De Morgan's rules explained

Question

Could you please explain the De Morgan\'s rules as simply as possible (e.g. to someone with only a secondary school mathematics background)?

Answer 1

DeMorgan's Law allows you to state a string of logical operations in different ways. It applies to logic and set theory, where in set theory you use complement for not, intersection for and, and union for or.

DeMorgan's Law allows you to simplify a logical expression, performing an operation that is rather similar to the distributive property of multiplication.

So, if you have the following in a C-like language

if !(x || y || z) { /* do something */ }

It is logically equivalent to:

if (!x && !y && !z)

It also works like so:

if !(x && !y && z)

turns into

if (!x || y || !z)

And you can, of course, go in reverse.

The equivalence of these statements is easy to see using something called a truth table. In a truth table, you simply lay out your variables (x, y, z) and list all the combinations of inputs for these variables. You then have columns for each predicate, or logical expression, and you determine for the given inputs, the value of the expression. Any university curriculum for computer science, computer engineering, or electrical engineering will likely drive you bonkers with the number and size of truth tables you must construct.

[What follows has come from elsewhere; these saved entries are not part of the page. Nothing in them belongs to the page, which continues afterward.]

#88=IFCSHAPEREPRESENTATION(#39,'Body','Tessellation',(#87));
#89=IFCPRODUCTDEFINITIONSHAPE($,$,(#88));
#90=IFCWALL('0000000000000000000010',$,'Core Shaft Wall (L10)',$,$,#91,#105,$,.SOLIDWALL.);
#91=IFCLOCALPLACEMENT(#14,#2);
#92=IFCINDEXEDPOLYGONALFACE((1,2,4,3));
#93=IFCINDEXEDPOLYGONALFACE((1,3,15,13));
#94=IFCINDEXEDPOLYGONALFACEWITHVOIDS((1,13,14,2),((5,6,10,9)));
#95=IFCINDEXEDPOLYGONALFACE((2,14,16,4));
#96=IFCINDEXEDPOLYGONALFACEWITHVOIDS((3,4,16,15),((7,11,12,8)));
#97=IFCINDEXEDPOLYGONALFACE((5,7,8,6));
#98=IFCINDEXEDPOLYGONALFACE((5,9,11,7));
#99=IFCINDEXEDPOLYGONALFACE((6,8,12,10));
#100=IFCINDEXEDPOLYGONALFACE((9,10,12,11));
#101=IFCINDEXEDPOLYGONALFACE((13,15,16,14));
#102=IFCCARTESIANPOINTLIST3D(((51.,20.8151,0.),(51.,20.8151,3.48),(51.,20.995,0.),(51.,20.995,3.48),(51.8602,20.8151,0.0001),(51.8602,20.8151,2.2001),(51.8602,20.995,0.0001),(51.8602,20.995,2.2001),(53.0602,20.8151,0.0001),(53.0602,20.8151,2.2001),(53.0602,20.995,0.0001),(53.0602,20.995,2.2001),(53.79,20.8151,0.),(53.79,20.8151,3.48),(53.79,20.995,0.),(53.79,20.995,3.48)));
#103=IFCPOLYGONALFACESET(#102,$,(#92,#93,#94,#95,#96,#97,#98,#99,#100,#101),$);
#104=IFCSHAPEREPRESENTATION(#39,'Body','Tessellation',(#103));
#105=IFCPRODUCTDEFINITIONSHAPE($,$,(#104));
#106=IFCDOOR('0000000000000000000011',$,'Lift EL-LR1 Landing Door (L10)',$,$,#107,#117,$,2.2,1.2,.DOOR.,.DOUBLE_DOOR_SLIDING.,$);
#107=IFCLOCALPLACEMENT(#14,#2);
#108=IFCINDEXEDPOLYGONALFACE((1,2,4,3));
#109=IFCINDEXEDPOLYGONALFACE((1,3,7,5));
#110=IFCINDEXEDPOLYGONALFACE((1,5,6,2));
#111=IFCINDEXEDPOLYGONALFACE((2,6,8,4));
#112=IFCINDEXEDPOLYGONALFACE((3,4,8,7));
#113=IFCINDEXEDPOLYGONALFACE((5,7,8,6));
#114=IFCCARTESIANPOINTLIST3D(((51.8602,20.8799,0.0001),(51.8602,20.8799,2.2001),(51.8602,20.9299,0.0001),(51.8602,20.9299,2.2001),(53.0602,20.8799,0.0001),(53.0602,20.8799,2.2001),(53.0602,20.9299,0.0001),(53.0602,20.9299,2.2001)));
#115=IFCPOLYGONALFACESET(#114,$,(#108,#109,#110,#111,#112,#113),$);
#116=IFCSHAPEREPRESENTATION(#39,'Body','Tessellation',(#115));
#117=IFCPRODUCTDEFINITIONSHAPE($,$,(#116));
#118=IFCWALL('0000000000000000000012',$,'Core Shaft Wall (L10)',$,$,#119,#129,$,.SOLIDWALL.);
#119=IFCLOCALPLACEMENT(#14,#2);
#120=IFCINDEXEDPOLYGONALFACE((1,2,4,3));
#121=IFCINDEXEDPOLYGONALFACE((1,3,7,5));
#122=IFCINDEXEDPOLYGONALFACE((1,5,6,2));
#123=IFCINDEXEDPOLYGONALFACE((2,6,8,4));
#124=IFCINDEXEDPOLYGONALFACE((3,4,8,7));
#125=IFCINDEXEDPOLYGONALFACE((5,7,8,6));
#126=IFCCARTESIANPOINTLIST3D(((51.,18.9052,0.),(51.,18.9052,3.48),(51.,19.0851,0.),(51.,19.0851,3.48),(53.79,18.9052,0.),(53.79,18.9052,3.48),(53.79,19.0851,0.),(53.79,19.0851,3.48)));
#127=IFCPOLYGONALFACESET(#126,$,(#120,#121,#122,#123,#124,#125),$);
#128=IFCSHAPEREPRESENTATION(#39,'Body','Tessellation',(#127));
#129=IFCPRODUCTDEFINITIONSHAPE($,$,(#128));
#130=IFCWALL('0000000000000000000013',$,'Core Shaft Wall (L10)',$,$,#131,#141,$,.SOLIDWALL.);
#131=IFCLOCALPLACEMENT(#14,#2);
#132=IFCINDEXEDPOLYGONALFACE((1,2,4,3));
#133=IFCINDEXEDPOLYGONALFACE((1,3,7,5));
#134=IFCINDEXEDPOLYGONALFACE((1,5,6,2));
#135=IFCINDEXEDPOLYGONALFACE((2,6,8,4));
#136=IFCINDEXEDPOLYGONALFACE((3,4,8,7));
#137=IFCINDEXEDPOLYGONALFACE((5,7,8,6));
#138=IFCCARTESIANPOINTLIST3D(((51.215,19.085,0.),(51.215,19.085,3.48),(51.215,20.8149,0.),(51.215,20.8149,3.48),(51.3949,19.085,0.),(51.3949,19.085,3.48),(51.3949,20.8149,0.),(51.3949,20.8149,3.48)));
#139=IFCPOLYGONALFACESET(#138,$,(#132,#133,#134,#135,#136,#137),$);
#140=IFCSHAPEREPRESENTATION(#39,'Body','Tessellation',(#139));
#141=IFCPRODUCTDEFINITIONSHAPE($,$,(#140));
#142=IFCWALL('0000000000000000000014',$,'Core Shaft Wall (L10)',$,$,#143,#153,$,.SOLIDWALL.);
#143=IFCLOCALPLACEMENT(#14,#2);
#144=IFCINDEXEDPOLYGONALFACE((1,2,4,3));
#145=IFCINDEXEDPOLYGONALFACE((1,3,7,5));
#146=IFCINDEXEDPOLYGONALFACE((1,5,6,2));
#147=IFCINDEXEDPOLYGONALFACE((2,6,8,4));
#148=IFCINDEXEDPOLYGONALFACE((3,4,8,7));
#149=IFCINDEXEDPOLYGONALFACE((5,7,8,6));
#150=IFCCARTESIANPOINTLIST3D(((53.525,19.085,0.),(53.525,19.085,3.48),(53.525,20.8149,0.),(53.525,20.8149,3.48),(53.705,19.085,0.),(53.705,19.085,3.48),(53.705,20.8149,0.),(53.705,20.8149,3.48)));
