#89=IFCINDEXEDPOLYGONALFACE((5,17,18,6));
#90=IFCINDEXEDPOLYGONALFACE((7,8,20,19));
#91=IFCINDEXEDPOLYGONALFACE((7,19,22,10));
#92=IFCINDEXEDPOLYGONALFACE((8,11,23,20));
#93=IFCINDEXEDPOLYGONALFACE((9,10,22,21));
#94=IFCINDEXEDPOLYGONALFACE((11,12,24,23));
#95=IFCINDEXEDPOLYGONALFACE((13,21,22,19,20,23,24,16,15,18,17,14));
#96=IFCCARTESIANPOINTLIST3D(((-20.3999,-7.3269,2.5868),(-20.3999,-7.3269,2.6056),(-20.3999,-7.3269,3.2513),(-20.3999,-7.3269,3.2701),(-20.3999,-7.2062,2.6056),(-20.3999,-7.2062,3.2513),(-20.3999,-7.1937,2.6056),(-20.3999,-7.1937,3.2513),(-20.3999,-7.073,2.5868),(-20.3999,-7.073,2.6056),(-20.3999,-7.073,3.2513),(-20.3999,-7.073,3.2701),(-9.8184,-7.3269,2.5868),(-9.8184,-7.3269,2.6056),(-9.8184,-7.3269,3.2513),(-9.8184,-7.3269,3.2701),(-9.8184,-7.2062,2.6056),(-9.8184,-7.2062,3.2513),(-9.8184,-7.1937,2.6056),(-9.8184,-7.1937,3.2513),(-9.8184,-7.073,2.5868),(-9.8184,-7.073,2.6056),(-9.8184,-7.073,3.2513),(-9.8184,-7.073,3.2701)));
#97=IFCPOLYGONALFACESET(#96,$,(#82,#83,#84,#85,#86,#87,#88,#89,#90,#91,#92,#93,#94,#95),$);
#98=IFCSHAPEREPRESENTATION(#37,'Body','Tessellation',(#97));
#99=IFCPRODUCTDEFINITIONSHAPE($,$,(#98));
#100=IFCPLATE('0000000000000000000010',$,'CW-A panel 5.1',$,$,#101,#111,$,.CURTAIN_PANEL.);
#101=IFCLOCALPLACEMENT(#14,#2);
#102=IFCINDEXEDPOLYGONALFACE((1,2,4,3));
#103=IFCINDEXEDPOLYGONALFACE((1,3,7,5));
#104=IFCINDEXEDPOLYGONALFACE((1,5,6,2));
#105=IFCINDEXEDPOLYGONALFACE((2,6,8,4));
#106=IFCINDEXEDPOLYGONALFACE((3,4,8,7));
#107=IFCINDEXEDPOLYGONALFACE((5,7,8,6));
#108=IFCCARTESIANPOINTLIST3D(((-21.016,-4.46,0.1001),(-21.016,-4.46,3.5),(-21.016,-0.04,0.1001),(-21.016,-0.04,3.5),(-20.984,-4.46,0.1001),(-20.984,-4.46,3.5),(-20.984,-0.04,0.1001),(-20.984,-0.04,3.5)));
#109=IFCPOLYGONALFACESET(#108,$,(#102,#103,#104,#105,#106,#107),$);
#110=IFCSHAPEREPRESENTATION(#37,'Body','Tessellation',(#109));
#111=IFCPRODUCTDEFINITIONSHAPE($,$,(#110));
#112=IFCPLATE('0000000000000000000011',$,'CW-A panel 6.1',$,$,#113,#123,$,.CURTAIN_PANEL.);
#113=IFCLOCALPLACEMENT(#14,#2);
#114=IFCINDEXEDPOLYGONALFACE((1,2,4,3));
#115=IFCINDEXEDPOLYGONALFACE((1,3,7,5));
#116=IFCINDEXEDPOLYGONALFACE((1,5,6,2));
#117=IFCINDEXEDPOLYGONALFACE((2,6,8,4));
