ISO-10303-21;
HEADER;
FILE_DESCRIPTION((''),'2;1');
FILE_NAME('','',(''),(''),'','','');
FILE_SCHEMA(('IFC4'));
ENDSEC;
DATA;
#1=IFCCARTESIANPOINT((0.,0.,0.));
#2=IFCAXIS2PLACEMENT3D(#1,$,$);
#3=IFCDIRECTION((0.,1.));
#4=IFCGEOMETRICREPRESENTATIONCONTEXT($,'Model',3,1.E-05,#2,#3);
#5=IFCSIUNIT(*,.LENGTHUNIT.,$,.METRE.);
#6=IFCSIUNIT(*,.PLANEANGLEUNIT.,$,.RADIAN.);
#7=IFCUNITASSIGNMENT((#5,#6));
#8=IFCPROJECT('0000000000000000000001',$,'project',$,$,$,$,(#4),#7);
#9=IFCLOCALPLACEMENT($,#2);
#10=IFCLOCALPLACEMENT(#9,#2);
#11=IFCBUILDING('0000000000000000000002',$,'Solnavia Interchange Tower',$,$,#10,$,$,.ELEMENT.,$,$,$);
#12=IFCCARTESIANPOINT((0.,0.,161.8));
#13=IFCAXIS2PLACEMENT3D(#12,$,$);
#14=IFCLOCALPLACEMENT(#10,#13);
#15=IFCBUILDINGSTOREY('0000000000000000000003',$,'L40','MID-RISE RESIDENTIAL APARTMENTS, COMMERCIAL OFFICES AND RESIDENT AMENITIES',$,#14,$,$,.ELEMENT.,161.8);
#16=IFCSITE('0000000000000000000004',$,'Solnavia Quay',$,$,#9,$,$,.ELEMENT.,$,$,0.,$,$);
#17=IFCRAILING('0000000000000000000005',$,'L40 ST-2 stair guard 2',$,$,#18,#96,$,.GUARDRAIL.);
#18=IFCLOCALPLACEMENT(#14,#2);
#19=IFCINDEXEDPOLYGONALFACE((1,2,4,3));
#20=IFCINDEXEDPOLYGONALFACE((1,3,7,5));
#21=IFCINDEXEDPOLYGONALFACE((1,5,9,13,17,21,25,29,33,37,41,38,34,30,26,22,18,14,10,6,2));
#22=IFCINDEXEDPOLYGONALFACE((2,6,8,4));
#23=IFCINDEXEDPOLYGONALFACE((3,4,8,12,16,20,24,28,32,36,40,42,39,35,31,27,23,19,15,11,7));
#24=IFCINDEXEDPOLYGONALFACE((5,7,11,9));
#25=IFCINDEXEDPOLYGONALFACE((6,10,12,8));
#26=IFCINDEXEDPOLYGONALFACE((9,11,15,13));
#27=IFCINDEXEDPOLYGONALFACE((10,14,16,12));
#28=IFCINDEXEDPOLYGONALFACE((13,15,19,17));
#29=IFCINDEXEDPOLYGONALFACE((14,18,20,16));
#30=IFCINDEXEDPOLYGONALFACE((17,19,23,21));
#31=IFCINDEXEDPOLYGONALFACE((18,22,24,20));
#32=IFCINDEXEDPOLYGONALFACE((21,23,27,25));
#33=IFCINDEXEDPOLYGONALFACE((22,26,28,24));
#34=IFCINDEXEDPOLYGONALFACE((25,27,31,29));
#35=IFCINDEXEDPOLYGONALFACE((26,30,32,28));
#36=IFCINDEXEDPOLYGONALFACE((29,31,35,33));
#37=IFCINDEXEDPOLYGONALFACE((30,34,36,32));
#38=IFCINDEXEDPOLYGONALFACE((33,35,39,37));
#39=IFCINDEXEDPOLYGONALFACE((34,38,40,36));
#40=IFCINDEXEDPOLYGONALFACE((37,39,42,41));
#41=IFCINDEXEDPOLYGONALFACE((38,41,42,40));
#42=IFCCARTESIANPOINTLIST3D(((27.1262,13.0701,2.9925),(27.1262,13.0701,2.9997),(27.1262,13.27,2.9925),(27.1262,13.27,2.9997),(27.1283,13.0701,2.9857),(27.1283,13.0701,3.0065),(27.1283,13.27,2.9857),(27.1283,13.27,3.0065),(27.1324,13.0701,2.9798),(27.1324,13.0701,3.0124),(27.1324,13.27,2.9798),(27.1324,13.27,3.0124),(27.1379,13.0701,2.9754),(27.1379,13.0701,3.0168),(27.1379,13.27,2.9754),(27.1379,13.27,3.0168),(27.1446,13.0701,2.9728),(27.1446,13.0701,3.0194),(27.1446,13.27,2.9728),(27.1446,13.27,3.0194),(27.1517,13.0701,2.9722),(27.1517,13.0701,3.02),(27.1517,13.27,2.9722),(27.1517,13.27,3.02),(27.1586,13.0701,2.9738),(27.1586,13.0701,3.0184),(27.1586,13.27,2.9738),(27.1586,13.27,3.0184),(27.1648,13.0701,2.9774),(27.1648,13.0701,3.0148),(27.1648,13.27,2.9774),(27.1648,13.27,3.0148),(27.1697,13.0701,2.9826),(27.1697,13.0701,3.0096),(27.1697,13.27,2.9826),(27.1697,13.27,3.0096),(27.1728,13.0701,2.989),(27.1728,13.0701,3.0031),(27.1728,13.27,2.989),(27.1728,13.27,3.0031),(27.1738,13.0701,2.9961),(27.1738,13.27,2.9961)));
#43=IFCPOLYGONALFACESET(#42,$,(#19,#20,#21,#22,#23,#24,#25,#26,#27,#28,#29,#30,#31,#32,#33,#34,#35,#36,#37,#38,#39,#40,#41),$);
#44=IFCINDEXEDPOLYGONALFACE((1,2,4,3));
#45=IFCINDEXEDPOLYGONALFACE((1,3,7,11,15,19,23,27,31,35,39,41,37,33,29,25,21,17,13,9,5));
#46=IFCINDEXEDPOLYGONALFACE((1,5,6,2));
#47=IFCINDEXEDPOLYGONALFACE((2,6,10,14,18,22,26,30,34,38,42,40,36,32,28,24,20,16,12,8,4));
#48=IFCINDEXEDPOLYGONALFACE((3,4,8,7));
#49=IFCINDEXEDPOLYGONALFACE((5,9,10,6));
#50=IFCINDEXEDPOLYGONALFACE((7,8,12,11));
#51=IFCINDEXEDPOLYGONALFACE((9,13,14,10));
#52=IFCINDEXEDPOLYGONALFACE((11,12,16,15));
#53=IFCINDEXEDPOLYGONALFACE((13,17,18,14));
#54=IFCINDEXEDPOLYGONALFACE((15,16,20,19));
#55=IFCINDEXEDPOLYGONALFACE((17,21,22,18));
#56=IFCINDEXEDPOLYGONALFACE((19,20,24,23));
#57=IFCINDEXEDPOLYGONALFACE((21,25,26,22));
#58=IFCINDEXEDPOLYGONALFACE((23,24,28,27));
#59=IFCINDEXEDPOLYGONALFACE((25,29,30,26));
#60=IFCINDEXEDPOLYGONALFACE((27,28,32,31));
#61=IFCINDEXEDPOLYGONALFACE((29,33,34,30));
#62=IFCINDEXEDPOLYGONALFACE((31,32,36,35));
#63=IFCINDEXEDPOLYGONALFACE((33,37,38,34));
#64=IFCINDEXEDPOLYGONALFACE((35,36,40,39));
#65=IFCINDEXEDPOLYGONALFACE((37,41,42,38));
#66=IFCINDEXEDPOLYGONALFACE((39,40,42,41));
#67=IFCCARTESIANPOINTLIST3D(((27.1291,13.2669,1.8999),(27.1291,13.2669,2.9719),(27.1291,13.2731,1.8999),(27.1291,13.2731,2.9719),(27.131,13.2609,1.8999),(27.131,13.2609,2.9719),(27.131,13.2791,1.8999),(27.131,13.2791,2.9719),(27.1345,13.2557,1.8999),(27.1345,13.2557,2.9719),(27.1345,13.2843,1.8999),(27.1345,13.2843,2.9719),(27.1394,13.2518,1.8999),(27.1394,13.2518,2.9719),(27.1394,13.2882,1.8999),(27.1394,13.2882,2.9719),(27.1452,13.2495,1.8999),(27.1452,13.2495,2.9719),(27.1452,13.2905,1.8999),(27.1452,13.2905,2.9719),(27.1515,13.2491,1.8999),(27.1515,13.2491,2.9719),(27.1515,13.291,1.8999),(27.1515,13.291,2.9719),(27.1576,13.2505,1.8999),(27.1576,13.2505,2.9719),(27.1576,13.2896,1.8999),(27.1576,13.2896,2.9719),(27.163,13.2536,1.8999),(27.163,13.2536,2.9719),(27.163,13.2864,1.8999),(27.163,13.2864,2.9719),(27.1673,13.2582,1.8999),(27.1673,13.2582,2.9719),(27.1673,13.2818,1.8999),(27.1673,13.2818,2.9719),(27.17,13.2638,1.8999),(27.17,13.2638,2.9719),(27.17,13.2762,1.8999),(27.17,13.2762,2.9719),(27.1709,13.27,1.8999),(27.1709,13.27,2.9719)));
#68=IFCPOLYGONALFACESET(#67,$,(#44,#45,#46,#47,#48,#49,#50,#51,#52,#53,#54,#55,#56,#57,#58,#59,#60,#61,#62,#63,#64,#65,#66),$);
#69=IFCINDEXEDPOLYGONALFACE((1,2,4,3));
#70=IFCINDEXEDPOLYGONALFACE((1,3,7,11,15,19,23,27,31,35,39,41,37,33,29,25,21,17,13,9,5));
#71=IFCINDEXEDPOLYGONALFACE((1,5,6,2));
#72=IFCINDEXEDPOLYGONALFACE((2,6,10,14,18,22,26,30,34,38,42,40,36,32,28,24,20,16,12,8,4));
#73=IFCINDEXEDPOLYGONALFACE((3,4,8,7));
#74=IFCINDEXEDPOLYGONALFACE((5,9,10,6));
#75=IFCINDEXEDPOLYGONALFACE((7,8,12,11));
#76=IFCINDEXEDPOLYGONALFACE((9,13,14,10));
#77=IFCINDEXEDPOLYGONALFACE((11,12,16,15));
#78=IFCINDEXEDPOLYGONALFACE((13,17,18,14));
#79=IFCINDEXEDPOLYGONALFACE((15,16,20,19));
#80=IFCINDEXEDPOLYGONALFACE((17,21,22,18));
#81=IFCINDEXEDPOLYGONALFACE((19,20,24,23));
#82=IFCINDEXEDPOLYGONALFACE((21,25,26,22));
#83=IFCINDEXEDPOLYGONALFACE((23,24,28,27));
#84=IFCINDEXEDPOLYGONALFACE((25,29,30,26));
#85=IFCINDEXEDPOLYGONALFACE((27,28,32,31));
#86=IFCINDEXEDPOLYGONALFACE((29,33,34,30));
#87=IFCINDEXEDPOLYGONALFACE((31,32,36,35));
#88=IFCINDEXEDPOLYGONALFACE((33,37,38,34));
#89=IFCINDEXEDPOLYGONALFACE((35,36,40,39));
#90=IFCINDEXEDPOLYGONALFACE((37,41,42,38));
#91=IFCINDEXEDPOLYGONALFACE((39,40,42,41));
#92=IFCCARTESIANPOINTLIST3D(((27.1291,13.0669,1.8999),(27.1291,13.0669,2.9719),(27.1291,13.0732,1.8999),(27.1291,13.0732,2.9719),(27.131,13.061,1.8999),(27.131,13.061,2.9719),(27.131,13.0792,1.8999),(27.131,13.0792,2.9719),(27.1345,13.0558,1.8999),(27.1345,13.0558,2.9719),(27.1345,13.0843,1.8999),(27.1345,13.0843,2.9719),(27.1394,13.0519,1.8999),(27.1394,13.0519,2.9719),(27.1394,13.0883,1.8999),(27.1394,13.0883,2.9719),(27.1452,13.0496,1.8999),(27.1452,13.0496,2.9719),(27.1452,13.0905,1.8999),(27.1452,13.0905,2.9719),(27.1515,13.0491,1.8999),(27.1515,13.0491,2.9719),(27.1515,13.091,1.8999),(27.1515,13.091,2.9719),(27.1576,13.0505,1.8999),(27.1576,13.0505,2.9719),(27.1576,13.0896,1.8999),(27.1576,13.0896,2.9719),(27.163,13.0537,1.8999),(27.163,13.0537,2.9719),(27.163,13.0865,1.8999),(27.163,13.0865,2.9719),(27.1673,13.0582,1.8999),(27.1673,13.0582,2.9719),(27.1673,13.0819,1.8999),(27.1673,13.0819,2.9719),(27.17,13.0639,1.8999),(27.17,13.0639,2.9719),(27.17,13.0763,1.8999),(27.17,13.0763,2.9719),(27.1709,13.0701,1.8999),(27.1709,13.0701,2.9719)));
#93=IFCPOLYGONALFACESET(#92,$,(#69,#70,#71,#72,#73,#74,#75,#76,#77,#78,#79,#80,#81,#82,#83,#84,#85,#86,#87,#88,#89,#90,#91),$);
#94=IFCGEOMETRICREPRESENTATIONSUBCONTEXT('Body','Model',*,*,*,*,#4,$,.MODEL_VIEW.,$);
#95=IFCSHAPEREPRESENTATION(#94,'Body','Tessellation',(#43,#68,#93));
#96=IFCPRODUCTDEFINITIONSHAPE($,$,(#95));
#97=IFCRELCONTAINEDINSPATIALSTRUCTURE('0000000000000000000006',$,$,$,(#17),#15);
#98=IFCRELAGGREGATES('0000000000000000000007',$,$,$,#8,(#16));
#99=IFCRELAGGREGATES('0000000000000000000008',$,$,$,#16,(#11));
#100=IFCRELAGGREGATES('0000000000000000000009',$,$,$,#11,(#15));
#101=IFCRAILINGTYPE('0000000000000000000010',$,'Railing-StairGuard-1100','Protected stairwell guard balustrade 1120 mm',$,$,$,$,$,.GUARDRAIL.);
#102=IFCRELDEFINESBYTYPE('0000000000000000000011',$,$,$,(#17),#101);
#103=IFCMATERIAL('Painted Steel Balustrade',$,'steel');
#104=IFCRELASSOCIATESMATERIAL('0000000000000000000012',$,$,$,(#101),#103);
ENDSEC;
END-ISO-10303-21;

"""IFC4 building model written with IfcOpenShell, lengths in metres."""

from ifc_helpers import new_model, si_unit, direction, frame, origin, origin_2d, place, context, subcontext, project, spatial, circle, extrude, material, type_object, element, save


model = new_model("IFC4")

# Units and contexts
model_context = context("Model", 3, precision=1e-05, world=origin(), true_north=direction((0.0, 1.0)))
body_context = subcontext(model_context, "Body", "Model", "MODEL_VIEW")
ifc_project = project(units=[si_unit("LENGTHUNIT", "METRE"), si_unit("PLANEANGLEUNIT", "RADIAN")], contexts=[model_context])

# Site, building, storey
site_placement = place(None, origin())
site = spatial("IfcSite", under=ifc_project, at=site_placement, Name="Solnavia Quay", CompositionType="ELEMENT", RefElevation=0.0)
building_placement = place(site_placement, origin())
building = spatial("IfcBuilding", under=site, at=building_placement, Name="Solnavia Interchange Tower", CompositionType="ELEMENT")
storey_placement = place(building_placement, frame((0.0, 0.0, 161.8)))
storey = spatial("IfcBuildingStorey", under=building, at=storey_placement, Name="L40", Description="MID-RISE RESIDENTIAL APARTMENTS, COMMERCIAL OFFICES AND RESIDENT AMENITIES", CompositionType="ELEMENT", Elevation=161.8)

# Railing
ifc_material_1 = material(Name="Painted Steel Balustrade", Category="steel")
railing_type_1 = type_object("IfcRailingType", Name="Railing-StairGuard-1100", Description="Protected stairwell guard balustrade 1120 mm", PredefinedType="GUARDRAIL", material=ifc_material_1)
railing_1_placement = place(storey_placement, frame((27.1499, 13.27, 1.8999)))
element("IfcRailing", 1, at=railing_1_placement, inside=storey, type_object=railing_type_1, Name="L40 ST-2 stair guard 2", PredefinedType="GUARDRAIL", context=body_context, shape_type="SweptSolid", body=[
    extrude(circle(Radius=0.0239, at=origin_2d()), frame((0.0, 0.0, 1.0962), z_axis=(0.0, -1.0, 0.0), x_axis=(1.0, 0.0, 0.0)), (0.0, 0.0, 1.0), 0.2),
    extrude(circle(Radius=0.021, at=origin_2d()), origin(), (0.0, 0.0, 1.0), 1.072),
    extrude(circle(Radius=0.021, at=origin_2d()), frame((0.0, -0.2, 0.0)), (0.0, 0.0, 1.0), 1.072),
])

save(model, "model.ifc")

So why learn them? I think the biggest reason in computing is that it can improve readability of larger logical expressions. Some people don't like using logical not ! in front of expressions, as they think it can confuse someone if they miss it. The impact of using DeMorgan's Law on the gate level of chips is useful, however, because certain gate types are faster, cheaper, or you're already using a whole integrated circuit for them so you can reduce the number of chip packages required for the outcome.

Answer 2

Draw a simple Venn diagram, two intersecting circles. Put A in the left and B in the right. Now (A and B) is obviously the intersecting bit. So NOT(A and B) is everything that's not in the intersecting bit, the rest of both circles. Colour that in.

Draw another two circles like before, A and B, intersecting. Now NOT(A) is everything that's in the right circle (B), but not the intersection, because that's obviously A as well as B. Colour this in. Similarly NOT(B) is everything in the left circle but not the intersection, because that's B as well as A. Colour this in.

Two drawings look the same. You've proved that NOT(A and B) = NOT(A) or NOT(B). T'other case is left as an exercise for the student.